Diane, sorry you were sad. Sage was certainly one georgeous girl! Start that fund..take time, then search for another special girl! Deb


----------



## dogfaeries (Feb 22, 2010)

I was sitting next to one of my dog show friends at the specialty. I told her that I was really missing Sage. Bad. She said to me " still?". Argh. Yes, still. Forever. It will be 4 months next week that I lost her. 

I'll start saving up. One day I'll figure out where to get my next girl.


----------



## ksotto333 (Aug 3, 2011)

I'm so sorry, the first time going out is the hardest I think. Take care,


----------



## Daisy&Lucky's Mom (Apr 24, 2011)

I can understand how the show would be sad and make you miss your Sage.You never know what can happen you just might find a dog to show.


----------



## WIBackpacker (Jan 9, 2014)

I'm sorry it was so rough, and the "_Still_?" question isn't fair.

On the outside chance you end up involved with the puppy you mentioned, half of the names on that pedigree are pretty familiar.... I think Tica is her second cousin twice removed, or the dog equivalent of that. 

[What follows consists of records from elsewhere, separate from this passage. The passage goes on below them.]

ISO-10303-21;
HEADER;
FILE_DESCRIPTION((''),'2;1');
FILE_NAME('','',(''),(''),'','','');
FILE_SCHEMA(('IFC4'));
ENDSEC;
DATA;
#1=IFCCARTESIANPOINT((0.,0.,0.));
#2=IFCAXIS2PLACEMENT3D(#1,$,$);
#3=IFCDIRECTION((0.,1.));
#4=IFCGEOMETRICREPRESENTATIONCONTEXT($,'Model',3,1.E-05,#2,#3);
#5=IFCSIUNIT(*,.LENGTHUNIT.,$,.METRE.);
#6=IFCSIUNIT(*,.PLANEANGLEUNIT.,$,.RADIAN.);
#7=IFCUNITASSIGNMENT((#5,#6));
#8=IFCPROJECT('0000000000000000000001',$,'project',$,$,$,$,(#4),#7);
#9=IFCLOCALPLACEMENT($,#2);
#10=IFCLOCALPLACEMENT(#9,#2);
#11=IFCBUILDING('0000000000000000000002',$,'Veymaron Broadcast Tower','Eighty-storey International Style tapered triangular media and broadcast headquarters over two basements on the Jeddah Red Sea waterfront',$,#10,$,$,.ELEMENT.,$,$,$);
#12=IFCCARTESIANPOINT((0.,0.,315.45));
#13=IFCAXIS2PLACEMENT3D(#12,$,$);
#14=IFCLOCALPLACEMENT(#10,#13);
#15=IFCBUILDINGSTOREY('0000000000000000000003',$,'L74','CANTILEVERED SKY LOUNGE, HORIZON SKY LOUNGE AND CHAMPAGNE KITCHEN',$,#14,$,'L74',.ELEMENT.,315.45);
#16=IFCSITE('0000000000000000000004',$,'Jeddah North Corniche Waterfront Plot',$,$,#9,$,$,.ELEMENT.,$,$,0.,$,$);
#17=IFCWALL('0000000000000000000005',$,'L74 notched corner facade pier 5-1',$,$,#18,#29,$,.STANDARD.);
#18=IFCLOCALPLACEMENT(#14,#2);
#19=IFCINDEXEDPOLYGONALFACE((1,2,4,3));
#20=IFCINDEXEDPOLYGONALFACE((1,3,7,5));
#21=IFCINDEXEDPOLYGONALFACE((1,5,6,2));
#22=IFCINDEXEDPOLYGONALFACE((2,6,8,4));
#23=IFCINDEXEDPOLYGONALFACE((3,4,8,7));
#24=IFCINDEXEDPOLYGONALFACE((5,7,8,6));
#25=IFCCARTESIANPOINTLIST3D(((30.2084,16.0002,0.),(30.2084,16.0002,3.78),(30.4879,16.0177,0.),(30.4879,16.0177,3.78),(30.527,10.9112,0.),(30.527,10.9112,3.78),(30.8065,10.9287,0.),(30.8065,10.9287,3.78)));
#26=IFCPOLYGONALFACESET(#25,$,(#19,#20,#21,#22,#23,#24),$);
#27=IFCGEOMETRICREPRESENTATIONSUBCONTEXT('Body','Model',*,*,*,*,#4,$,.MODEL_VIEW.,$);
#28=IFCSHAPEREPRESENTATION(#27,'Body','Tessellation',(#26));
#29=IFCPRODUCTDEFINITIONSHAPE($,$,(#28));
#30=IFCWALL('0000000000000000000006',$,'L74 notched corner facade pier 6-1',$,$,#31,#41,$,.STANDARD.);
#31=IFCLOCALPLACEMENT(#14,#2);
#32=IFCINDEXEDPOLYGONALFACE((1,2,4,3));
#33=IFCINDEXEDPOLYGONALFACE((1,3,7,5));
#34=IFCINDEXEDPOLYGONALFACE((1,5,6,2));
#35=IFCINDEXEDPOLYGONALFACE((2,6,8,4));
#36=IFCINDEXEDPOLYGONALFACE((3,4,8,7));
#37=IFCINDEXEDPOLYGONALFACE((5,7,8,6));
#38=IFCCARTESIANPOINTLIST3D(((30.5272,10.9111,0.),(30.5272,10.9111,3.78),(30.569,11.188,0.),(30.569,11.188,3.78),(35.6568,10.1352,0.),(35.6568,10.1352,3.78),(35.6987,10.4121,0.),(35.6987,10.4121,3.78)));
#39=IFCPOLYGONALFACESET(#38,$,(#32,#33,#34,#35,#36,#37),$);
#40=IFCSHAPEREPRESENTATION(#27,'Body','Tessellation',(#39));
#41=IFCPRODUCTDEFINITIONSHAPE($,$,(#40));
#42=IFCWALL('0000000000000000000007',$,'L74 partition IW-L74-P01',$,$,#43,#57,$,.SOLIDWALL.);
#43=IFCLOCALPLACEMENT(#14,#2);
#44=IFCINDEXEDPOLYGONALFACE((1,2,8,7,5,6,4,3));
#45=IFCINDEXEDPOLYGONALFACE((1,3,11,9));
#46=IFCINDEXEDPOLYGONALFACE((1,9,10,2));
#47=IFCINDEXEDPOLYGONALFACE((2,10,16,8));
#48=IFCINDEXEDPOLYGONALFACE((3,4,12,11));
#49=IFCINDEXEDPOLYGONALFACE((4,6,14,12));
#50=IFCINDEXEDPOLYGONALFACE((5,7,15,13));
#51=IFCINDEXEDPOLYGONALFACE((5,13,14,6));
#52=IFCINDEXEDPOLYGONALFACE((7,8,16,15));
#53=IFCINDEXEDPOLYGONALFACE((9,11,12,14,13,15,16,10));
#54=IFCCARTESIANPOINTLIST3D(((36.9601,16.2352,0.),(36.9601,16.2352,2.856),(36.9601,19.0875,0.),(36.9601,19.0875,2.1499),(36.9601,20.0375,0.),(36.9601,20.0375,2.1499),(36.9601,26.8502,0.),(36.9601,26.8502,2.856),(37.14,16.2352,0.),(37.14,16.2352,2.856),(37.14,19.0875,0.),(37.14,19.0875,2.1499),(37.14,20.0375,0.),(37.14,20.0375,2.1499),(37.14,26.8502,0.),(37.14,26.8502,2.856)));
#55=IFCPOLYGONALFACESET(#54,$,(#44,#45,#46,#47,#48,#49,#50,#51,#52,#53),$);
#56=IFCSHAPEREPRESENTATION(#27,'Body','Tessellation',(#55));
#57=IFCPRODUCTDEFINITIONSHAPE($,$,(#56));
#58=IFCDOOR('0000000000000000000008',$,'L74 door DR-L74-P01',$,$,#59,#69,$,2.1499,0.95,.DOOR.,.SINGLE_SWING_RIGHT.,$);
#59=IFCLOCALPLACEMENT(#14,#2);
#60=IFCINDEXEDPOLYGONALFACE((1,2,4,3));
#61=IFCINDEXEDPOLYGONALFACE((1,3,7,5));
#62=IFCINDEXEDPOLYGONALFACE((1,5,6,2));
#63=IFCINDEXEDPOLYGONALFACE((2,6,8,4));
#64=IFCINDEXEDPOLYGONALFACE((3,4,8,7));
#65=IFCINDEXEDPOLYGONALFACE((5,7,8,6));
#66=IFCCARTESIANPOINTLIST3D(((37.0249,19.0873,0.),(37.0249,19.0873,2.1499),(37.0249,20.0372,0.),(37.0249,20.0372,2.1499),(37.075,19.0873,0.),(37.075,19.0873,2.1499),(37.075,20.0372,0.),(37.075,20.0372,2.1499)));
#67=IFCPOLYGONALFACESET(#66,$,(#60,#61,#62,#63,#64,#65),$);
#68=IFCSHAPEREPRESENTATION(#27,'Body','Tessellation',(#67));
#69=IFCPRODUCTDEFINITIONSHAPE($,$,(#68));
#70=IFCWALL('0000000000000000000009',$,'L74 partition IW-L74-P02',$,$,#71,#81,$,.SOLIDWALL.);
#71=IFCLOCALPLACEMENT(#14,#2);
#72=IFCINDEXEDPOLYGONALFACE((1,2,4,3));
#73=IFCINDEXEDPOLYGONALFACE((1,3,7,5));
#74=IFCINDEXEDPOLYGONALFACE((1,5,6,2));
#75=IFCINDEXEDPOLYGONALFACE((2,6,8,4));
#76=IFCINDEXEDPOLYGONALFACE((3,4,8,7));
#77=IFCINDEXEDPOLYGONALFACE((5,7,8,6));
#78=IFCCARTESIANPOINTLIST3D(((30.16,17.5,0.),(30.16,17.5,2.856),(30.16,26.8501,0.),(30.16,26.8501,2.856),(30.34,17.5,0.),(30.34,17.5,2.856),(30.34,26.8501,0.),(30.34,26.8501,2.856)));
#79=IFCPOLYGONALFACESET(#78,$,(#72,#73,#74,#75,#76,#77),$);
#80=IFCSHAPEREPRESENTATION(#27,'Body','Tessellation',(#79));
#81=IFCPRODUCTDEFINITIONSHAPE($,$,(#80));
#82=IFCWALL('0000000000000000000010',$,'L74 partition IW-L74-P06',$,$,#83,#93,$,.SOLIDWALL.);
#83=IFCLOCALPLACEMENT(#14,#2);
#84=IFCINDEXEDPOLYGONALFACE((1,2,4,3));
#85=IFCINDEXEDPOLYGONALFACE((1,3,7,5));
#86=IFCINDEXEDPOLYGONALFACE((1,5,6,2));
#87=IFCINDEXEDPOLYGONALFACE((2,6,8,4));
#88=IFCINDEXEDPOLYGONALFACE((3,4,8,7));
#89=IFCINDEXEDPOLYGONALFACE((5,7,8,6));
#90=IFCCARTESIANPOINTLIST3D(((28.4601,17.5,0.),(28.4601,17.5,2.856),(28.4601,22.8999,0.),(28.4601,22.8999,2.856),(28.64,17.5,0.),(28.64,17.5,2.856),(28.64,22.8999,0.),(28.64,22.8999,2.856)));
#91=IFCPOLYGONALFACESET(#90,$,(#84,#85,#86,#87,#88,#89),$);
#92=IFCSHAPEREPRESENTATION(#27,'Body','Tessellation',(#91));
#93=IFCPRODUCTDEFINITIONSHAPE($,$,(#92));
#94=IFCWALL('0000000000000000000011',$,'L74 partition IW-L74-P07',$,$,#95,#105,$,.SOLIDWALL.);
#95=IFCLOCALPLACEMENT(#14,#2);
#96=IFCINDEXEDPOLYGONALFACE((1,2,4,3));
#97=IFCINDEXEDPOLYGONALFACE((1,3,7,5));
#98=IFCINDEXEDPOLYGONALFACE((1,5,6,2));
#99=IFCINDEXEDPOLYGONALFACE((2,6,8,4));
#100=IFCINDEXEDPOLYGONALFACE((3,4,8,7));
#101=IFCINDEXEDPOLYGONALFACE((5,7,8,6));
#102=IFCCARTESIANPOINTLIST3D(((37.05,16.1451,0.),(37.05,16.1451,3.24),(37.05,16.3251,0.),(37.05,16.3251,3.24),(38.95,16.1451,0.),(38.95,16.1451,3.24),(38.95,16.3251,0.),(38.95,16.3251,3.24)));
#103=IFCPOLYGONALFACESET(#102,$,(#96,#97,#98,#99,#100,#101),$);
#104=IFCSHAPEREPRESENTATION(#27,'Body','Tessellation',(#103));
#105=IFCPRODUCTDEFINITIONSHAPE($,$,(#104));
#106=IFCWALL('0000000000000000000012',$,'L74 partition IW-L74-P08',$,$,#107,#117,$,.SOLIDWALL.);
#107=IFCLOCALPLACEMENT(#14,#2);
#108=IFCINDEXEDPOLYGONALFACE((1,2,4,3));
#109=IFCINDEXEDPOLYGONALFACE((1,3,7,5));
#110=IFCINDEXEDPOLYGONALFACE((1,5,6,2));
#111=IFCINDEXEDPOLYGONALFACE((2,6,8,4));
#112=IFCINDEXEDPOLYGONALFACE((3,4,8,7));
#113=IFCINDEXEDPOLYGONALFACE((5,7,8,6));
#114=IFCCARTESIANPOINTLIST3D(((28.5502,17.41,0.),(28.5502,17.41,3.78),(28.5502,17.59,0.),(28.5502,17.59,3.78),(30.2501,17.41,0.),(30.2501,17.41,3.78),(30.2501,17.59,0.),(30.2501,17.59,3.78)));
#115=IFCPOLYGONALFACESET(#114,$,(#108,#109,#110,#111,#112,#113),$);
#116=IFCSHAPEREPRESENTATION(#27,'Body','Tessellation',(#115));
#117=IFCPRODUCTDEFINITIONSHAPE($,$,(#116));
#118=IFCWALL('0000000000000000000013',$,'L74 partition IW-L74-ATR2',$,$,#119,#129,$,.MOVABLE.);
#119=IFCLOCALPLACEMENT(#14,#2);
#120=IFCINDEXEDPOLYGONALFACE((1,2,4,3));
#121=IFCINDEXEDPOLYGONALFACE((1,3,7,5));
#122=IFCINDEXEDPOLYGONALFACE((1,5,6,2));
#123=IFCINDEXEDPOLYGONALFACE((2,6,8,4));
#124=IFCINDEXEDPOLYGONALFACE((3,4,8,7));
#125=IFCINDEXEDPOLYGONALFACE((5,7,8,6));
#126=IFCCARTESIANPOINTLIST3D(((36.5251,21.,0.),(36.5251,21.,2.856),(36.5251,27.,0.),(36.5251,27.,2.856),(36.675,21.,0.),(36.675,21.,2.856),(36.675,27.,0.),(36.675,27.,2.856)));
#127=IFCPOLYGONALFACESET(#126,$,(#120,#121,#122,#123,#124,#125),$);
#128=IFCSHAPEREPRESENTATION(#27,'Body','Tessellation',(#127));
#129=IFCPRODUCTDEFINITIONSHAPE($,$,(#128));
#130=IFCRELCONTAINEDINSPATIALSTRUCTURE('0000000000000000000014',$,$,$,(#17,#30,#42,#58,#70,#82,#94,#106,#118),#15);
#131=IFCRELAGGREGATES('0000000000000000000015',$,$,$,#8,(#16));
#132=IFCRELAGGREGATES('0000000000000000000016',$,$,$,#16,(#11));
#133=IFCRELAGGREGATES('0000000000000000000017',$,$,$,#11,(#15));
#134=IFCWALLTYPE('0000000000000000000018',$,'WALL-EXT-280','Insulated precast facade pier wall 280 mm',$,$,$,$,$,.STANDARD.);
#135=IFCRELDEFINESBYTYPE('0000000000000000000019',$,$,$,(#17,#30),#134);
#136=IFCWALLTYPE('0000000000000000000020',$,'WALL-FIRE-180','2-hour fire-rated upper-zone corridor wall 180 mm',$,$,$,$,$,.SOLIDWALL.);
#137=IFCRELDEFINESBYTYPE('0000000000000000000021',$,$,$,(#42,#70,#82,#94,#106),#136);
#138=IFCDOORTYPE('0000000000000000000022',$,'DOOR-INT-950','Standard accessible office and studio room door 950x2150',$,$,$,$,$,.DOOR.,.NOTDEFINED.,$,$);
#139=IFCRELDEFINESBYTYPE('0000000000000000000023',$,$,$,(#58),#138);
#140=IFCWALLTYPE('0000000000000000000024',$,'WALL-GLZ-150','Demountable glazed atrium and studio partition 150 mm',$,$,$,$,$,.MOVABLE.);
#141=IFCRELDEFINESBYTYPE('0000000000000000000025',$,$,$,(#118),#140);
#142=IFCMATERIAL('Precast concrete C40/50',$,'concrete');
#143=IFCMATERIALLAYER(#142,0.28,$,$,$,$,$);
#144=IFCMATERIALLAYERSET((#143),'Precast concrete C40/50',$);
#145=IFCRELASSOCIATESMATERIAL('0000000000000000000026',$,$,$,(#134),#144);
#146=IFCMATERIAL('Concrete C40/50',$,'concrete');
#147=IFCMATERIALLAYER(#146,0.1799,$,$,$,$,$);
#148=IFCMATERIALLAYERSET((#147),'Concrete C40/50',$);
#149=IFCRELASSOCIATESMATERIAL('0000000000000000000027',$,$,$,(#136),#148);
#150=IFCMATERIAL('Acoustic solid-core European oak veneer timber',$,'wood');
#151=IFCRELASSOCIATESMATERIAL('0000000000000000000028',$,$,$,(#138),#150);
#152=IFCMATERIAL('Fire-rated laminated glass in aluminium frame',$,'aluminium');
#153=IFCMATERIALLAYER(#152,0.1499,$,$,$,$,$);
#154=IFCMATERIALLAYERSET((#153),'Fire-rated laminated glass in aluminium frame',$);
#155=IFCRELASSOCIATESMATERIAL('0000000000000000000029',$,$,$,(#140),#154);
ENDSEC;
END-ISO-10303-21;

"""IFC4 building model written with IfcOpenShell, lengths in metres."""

from ifc_helpers import new_model, si_unit, direction, frame, frame_2d, origin, place, context, subcontext, project, spatial, rectangle, extrude, material, layer, layer_set, type_object, element, fill, save


model = new_model("IFC4")

# Units and contexts
model_context = context("Model", 3, precision=1e-05, world=origin(), true_north=direction((0.0, 1.0)))
body_context = subcontext(model_context, "Body", "Model", "MODEL_VIEW")
ifc_project = project(units=[si_unit("LENGTHUNIT", "METRE"), si_unit("PLANEANGLEUNIT", "RADIAN")], contexts=[model_context])

# Site, building, storey
site_placement = place(None, origin())
site = spatial("IfcSite", under=ifc_project, at=site_placement, Name="Jeddah North Corniche Waterfront Plot", CompositionType="ELEMENT", RefElevation=0.0)
building_placement = place(site_placement, origin())
building = spatial("IfcBuilding", under=site, at=building_placement, Name="Veymaron Broadcast Tower", Description="Eighty-storey International Style tapered triangular media and broadcast headquarters over two basements on the Jeddah Red Sea waterfront", CompositionType="ELEMENT")
storey_placement = place(building_placement, frame((0.0, 0.0, 315.45)))
storey = spatial("IfcBuildingStorey", under=building, at=storey_placement, Name="L74", Description="CANTILEVERED SKY LOUNGE, HORIZON SKY LOUNGE AND CHAMPAGNE KITCHEN", LongName="L74", CompositionType="ELEMENT", Elevation=315.45)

Hopefully upcoming events will be a little bit easier, and you'll have friendly faces that make you smile.


----------



## WateryTart (Sep 25, 2013)

I'm glad you were able to go and have a good time, but I'm sorry that it was hard and that it will be so long before you can have another girl to show.

I agree the "still?" question is really unfair, not to mention thoughtless.

Rumor is amazing in person. I haven't met her but I've seen her and she's so fun to watch.


----------



## dogfaeries (Feb 22, 2010)

WateryTart said:


> I'm glad you were able to go and have a good time, but I'm sorry that it was hard and that it will be so long before you can have another girl to show.
> 
> I agree the "still?" question is really unfair, not to mention thoughtless.
> 
> Rumor is amazing in person. I haven't met her but I've seen her and she's so fun to watch.


I was sitting ringside, watching Rumor, and a friend remarked that while she sees nothing that screams spectacular about Rumor, she also can't fault her on _anything_. And _that_ makes her pretty spectacular. Make sense? 
She was definitely having a good time!

I'm a little bummed out about not having a dog to show.


----------